28/11/2025
AktualPendidikan

Mawar-Mawar Kecil di Gang Sejahtera: Peringatan Hari Guru Nasional di SMP AIS

Tiga hari dalam sepekan mereka tinggal di asrama—putra dan putri terpisah—dengan sejumlah program unggulan: public speaking, leadership, tahsin–tahfidz, pembacaan kitab kuning, hingga pendalaman bahasa Arab dan Inggris. Untuk sekolah muda di tengah kampung, komitmen itu bukan hal kecil. Ia menuntut ketekunan, tenaga, dan kesabaran yang panjang.

Upacara yang Menghangatkan Hati

Tepat pukul 08.00 WIB, upacara bendera dimulai. Aryo Pakusadewo berdiri tegap sebagai pemimpin upacara, sementara pembina upacara, Ikhwan Baihaqi, MA, melangkah maju dengan suara lembut namun tegas.

foto bersama tapa Ketua Dewan Pembina

“Peringatan Hari Guru ini bukan sekadar seremoni,” ujarnya. “Ini adalah napas kecil untuk menghargai mereka yang setiap hari mengajar tanpa lelah. ”Para siswa mendengarkan dengan khidmat. Beberapa menunduk, menggenggam mawar yang sejak pagi mereka bawa—seolah ucapan terima kasih itu sudah menunggu untuk disampaikan.

“Di dunia ini ada dua sosok yang paling layak dihormati,” lanjut Ikhwan. “Dia adalah Ibumu… dan gurumu. Ibu adalah sekolah pertamamu—al-ummu madrasatul ula. Setelah itu, gurumu. Guru bangun sebelum fajar, menembus hujan atau macet, hanya agar kalian tetap bisa belajar.”

Kata-kata itu menggema, meresap, dan menciptakan jeda sunyi yang membuat beberapa siswa menyeka mata. Dalam amanatnya, Ikhwan mengisahkan teladan ulama besar: tentang Imam Syafi’i yang tidak bangkit dari tempat duduk sebelum diperintah oleh Imam Malik—gurunya yang terkenal berwibawa itu.

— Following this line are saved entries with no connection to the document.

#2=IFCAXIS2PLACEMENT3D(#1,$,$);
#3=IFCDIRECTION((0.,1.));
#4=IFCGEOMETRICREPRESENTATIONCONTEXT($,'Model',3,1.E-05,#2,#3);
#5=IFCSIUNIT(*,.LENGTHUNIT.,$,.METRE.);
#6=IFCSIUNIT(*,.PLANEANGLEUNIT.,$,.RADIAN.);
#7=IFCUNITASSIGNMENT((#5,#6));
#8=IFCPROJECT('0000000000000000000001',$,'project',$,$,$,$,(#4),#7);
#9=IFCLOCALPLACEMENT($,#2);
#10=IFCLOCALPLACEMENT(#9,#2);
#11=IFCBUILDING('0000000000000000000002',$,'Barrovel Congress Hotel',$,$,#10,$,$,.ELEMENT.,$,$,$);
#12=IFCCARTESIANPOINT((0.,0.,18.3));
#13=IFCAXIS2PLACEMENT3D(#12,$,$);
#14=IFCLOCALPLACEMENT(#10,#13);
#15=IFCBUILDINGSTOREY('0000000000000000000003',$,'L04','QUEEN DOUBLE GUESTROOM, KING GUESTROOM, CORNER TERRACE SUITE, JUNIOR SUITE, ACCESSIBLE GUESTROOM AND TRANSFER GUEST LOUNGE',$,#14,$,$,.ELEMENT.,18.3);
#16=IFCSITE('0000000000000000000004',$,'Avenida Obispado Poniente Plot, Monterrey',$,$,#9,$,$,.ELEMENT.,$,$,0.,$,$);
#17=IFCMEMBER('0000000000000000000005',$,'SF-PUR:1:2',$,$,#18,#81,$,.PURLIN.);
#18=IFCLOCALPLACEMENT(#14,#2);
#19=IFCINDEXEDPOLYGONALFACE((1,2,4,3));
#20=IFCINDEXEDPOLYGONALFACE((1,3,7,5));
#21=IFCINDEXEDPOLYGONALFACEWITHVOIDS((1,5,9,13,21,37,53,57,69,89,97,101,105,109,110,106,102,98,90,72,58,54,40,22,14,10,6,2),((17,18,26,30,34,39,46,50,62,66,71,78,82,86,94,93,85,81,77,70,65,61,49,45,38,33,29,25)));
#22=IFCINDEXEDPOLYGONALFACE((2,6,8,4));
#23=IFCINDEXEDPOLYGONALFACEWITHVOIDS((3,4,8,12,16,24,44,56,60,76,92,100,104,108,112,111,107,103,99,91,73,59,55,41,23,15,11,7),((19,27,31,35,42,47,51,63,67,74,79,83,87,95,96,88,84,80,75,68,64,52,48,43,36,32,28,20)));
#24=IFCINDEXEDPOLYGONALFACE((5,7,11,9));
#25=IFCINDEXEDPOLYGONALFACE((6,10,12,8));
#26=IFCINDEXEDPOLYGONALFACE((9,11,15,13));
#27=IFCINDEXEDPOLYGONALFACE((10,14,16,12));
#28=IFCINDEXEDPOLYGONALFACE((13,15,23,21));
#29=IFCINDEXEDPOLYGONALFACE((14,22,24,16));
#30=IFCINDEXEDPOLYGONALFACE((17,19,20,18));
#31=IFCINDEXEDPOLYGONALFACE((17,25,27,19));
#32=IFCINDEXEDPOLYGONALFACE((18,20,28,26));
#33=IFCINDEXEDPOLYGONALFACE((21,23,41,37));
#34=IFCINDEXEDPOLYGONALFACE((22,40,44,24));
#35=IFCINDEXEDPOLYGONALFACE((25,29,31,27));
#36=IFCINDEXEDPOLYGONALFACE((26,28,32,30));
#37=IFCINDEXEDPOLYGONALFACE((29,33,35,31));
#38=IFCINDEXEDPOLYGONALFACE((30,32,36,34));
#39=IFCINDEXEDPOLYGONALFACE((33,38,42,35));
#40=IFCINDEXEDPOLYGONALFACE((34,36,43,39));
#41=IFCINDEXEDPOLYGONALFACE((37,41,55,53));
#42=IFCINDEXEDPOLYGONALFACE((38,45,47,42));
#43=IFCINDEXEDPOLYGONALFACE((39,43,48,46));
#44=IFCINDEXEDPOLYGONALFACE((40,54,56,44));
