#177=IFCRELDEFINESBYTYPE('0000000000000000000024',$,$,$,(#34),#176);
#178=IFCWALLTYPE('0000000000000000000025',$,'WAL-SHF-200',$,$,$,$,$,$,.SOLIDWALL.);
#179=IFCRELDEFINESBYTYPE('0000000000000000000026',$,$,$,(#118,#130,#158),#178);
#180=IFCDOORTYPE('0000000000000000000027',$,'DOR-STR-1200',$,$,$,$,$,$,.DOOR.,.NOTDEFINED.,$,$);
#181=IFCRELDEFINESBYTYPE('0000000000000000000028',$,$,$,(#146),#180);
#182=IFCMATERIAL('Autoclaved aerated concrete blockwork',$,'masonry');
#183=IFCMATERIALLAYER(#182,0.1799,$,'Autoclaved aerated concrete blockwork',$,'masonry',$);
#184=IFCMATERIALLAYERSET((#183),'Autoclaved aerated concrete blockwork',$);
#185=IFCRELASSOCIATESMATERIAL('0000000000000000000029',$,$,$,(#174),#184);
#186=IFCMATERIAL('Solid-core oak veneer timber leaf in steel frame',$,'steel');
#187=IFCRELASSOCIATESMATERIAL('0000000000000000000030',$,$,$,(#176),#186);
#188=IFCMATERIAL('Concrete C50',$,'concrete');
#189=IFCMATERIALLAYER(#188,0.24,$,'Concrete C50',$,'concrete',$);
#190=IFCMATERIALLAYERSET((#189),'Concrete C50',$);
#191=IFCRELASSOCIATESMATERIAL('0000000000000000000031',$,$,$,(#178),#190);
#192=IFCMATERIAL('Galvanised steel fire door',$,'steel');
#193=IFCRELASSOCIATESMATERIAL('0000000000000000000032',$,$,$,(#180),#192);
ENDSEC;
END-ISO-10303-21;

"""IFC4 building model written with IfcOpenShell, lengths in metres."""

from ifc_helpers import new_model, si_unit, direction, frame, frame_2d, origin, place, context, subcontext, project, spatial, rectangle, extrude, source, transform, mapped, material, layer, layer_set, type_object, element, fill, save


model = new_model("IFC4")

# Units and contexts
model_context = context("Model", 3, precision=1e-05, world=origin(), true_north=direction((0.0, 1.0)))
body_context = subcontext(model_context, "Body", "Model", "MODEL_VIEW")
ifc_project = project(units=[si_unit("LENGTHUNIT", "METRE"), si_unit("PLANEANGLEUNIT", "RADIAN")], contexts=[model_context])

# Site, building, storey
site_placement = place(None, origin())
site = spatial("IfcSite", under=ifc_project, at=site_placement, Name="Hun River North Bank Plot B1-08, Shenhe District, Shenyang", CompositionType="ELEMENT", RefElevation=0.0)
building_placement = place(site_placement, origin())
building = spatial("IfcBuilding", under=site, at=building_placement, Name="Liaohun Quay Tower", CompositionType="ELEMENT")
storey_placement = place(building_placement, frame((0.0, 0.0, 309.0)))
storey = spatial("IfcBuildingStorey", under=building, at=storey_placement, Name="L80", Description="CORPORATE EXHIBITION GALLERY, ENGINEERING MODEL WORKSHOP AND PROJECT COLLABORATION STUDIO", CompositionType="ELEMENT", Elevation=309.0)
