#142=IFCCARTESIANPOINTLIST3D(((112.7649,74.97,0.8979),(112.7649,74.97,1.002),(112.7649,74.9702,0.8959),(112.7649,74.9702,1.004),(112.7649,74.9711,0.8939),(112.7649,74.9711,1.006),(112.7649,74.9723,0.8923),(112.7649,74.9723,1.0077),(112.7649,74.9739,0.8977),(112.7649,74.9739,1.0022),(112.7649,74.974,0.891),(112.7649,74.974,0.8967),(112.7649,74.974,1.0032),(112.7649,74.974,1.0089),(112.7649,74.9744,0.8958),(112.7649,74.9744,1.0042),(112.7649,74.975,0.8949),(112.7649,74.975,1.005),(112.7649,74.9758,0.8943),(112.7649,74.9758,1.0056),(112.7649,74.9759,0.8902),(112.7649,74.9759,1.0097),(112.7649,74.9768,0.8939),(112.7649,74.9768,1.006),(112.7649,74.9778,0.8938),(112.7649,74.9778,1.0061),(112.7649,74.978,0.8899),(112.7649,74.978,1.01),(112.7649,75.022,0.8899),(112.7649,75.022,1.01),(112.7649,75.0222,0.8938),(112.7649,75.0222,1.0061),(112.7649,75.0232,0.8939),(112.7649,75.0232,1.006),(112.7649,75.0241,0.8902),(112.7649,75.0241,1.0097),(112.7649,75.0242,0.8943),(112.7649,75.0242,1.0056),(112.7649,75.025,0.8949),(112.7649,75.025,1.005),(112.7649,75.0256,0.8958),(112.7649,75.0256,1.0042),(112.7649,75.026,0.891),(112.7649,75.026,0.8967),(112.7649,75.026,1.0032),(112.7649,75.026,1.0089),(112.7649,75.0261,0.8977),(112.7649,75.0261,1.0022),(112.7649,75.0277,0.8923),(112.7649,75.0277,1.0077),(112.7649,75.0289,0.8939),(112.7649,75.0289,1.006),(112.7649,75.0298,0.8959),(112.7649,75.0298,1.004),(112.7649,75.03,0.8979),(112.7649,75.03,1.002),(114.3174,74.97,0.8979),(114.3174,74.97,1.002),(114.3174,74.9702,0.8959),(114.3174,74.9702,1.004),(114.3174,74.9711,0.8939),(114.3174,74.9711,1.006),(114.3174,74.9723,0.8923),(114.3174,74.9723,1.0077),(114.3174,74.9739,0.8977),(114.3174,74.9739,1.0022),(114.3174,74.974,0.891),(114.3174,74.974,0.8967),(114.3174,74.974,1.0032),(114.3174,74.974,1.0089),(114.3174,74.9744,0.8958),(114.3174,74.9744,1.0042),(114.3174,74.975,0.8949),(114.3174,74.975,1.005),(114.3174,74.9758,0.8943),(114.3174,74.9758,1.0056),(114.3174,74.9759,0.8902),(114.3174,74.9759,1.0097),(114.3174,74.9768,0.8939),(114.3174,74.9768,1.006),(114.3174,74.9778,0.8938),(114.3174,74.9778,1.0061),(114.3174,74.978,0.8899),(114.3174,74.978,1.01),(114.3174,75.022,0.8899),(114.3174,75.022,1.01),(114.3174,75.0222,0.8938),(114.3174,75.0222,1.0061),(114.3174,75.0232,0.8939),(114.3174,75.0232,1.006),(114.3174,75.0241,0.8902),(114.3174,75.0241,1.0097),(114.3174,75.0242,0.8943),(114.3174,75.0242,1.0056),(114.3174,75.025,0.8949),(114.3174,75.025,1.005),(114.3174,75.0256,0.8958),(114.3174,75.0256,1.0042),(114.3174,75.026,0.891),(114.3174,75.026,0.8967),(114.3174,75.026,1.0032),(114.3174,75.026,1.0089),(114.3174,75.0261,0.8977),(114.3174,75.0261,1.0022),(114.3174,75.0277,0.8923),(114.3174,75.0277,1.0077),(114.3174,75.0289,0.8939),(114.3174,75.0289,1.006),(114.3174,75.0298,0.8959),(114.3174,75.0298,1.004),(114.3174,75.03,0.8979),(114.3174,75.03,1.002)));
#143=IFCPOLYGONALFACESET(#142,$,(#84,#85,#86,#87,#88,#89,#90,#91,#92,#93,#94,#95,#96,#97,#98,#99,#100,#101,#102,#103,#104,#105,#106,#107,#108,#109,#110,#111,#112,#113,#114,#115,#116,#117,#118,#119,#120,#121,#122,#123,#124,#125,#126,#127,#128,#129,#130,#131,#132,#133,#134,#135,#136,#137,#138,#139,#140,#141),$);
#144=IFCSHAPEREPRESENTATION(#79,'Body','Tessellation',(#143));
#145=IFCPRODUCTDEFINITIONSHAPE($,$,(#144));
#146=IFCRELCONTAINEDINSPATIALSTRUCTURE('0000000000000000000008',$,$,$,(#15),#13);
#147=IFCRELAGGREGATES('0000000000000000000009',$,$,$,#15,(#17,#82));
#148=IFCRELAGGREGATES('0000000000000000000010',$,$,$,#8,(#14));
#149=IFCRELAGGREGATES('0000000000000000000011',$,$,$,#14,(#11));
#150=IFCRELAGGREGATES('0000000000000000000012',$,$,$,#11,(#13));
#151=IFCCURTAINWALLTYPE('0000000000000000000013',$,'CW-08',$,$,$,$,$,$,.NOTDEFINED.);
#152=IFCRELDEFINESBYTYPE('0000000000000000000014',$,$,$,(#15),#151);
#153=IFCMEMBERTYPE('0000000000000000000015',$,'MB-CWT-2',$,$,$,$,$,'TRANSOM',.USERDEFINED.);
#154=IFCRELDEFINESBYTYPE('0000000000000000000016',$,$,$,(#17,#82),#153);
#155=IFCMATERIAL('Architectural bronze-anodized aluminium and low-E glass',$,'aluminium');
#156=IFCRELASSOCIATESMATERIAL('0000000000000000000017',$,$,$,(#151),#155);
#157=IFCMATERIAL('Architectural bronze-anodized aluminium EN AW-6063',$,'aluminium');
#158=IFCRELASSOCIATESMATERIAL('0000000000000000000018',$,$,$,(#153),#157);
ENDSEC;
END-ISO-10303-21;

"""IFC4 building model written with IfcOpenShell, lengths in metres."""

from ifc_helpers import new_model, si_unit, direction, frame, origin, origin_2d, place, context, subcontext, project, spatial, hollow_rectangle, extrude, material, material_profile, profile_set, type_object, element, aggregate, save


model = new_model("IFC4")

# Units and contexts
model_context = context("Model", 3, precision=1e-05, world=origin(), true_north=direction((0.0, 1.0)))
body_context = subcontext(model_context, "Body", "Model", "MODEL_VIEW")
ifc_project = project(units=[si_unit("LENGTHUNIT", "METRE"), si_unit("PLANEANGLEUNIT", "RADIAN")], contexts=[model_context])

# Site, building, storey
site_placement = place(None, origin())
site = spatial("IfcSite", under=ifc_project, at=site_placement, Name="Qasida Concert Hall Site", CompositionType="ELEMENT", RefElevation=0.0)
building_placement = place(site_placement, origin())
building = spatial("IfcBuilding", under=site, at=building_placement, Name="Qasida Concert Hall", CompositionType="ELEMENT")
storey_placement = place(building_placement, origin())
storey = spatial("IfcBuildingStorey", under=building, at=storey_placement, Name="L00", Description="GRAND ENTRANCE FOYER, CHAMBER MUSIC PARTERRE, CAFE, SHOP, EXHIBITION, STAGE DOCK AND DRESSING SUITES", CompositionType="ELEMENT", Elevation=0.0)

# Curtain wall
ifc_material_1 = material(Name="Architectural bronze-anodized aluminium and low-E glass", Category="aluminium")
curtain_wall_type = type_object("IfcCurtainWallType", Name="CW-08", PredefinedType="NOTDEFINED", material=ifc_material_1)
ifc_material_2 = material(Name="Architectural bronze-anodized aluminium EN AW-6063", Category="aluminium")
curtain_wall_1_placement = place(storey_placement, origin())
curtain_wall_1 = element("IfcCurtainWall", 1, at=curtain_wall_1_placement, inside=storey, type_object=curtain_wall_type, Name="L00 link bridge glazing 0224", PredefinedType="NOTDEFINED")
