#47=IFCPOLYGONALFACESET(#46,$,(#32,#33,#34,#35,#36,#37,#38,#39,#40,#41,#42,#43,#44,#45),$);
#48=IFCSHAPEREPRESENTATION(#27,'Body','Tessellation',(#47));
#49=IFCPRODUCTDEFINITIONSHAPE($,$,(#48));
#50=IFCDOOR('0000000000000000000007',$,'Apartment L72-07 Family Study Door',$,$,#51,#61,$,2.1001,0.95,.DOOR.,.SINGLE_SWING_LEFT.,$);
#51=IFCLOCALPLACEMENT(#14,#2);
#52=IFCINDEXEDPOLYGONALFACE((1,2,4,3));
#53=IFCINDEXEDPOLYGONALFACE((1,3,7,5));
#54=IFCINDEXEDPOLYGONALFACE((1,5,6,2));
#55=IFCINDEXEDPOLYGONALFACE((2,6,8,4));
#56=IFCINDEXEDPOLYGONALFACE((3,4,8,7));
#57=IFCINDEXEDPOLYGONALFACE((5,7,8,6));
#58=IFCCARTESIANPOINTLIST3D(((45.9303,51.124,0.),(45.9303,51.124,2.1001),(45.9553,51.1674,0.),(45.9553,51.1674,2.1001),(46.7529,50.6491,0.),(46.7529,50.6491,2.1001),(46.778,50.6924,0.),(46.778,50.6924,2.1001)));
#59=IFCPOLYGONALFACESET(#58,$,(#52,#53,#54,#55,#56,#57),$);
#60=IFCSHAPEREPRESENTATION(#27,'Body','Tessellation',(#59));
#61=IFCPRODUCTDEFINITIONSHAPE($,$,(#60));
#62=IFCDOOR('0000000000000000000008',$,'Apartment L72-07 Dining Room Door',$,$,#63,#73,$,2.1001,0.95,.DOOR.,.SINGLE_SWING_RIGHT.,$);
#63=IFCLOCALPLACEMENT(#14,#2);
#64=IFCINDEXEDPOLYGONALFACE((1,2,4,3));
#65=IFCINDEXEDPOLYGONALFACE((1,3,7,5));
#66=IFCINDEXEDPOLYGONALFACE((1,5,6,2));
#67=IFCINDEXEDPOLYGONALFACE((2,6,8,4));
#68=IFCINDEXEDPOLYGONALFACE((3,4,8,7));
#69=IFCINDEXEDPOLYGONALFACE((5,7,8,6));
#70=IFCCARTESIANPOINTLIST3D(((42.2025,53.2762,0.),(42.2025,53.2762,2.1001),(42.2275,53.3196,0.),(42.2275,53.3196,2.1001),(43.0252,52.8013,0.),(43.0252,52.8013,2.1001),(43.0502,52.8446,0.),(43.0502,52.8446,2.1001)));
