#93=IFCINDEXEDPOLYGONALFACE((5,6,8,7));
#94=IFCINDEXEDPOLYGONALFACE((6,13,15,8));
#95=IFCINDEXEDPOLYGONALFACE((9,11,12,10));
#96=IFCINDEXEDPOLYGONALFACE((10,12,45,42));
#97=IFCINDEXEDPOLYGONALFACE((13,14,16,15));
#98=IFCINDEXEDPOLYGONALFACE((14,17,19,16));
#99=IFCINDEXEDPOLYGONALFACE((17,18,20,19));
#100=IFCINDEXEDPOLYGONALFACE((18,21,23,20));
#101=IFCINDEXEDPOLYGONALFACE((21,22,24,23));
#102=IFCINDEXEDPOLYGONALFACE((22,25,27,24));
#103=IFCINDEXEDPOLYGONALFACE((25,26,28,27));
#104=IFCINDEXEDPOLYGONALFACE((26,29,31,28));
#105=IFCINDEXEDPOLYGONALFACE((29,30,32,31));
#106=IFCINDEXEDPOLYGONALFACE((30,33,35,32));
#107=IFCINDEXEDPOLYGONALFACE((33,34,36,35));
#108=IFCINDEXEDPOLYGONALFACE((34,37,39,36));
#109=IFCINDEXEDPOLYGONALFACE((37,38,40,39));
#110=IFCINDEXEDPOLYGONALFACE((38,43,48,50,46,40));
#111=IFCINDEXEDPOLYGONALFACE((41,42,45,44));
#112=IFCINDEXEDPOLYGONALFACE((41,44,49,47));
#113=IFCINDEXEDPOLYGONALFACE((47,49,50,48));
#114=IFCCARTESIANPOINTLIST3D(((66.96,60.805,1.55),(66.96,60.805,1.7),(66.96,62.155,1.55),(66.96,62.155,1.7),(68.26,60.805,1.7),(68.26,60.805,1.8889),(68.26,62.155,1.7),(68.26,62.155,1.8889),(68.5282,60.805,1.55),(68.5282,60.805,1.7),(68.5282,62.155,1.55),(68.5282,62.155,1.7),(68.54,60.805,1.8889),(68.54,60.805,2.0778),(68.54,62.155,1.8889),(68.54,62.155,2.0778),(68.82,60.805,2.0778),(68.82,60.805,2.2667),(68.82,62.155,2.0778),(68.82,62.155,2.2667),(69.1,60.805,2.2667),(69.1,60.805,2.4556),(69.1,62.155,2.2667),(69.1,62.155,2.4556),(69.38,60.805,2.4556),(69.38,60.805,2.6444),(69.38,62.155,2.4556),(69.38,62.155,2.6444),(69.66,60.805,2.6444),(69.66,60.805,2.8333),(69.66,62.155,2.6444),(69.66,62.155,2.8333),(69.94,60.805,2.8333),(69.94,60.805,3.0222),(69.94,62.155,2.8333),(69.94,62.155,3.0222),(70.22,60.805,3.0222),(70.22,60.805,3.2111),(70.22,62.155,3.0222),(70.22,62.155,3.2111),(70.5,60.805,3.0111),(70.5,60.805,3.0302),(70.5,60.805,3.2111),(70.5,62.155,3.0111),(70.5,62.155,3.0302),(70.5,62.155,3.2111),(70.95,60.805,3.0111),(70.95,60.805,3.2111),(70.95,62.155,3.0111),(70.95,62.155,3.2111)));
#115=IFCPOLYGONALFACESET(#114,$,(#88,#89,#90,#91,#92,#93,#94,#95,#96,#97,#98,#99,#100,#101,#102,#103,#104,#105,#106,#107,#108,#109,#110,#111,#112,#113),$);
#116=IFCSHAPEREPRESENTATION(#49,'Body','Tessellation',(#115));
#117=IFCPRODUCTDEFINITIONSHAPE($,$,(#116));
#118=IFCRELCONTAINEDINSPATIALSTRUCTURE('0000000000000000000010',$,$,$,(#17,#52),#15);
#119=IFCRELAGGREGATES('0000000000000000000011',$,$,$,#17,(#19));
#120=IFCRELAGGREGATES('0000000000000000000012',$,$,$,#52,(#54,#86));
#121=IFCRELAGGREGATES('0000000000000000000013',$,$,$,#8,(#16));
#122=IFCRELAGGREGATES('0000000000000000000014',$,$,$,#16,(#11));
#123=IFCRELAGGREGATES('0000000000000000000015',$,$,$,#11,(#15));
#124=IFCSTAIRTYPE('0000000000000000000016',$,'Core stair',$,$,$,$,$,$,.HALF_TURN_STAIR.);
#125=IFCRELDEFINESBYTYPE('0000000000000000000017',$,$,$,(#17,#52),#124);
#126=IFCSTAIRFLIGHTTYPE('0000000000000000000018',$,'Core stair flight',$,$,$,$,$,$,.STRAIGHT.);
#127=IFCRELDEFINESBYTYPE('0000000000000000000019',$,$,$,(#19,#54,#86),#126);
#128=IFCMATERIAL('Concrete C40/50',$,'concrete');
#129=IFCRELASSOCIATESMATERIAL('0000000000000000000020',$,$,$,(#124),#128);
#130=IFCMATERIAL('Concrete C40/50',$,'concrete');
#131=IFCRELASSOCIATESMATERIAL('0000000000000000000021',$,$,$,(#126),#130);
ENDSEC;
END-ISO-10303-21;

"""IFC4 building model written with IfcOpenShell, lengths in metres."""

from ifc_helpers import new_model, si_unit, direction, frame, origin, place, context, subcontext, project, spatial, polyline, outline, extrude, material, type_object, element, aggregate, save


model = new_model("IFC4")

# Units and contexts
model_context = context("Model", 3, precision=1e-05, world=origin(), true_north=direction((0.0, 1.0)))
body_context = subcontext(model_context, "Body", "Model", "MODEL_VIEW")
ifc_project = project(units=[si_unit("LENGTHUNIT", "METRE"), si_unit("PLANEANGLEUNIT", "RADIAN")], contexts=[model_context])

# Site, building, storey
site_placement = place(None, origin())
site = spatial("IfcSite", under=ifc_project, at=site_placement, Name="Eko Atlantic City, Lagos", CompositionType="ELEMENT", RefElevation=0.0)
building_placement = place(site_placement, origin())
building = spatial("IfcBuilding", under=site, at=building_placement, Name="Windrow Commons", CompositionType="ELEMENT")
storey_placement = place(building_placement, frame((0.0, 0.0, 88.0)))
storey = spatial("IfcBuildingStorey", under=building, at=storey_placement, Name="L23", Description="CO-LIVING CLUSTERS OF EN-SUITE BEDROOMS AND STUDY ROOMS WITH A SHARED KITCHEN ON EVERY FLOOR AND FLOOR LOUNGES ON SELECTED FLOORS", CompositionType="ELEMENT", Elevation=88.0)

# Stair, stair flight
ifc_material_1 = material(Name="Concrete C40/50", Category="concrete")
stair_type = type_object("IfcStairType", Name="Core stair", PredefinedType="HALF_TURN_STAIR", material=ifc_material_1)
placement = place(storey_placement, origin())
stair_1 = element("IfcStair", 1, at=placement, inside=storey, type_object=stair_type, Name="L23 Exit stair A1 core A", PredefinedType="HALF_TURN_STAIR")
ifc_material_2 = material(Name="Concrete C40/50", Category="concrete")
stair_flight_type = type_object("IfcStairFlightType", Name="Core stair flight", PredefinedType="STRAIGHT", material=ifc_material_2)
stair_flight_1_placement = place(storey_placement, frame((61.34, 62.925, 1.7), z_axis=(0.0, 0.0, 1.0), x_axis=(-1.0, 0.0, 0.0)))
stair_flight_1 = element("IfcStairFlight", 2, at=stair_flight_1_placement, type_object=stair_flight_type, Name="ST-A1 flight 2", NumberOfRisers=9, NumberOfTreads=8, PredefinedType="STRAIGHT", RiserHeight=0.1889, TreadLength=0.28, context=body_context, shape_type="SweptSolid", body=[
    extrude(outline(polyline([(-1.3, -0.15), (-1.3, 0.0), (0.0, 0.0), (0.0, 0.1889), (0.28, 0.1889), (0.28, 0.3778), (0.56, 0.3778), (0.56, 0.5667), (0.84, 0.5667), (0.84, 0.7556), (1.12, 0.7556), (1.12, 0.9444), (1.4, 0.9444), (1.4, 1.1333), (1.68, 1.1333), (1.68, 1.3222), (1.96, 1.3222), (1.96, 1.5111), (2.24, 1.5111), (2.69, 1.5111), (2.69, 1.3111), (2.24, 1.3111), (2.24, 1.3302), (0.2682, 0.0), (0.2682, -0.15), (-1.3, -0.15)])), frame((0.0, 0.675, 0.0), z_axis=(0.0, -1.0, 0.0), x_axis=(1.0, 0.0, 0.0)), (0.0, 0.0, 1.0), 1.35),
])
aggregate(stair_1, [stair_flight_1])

Lalu tentang Ali bin Abi Thalib yang bahkan tak berani menatap wajah Rasulullah sebagai bentuk penghormatan. Pernah seorang murid bertanya, “Mengapa engkau tidak menatap wajah gurumu?” Ali menjawab lembut, “Bagaimana aku berani menatap seseorang yang telah membukakan pintu ilmu bagiku? Seandainya bukan karena guru, aku tidak mengenal Tuhanku.”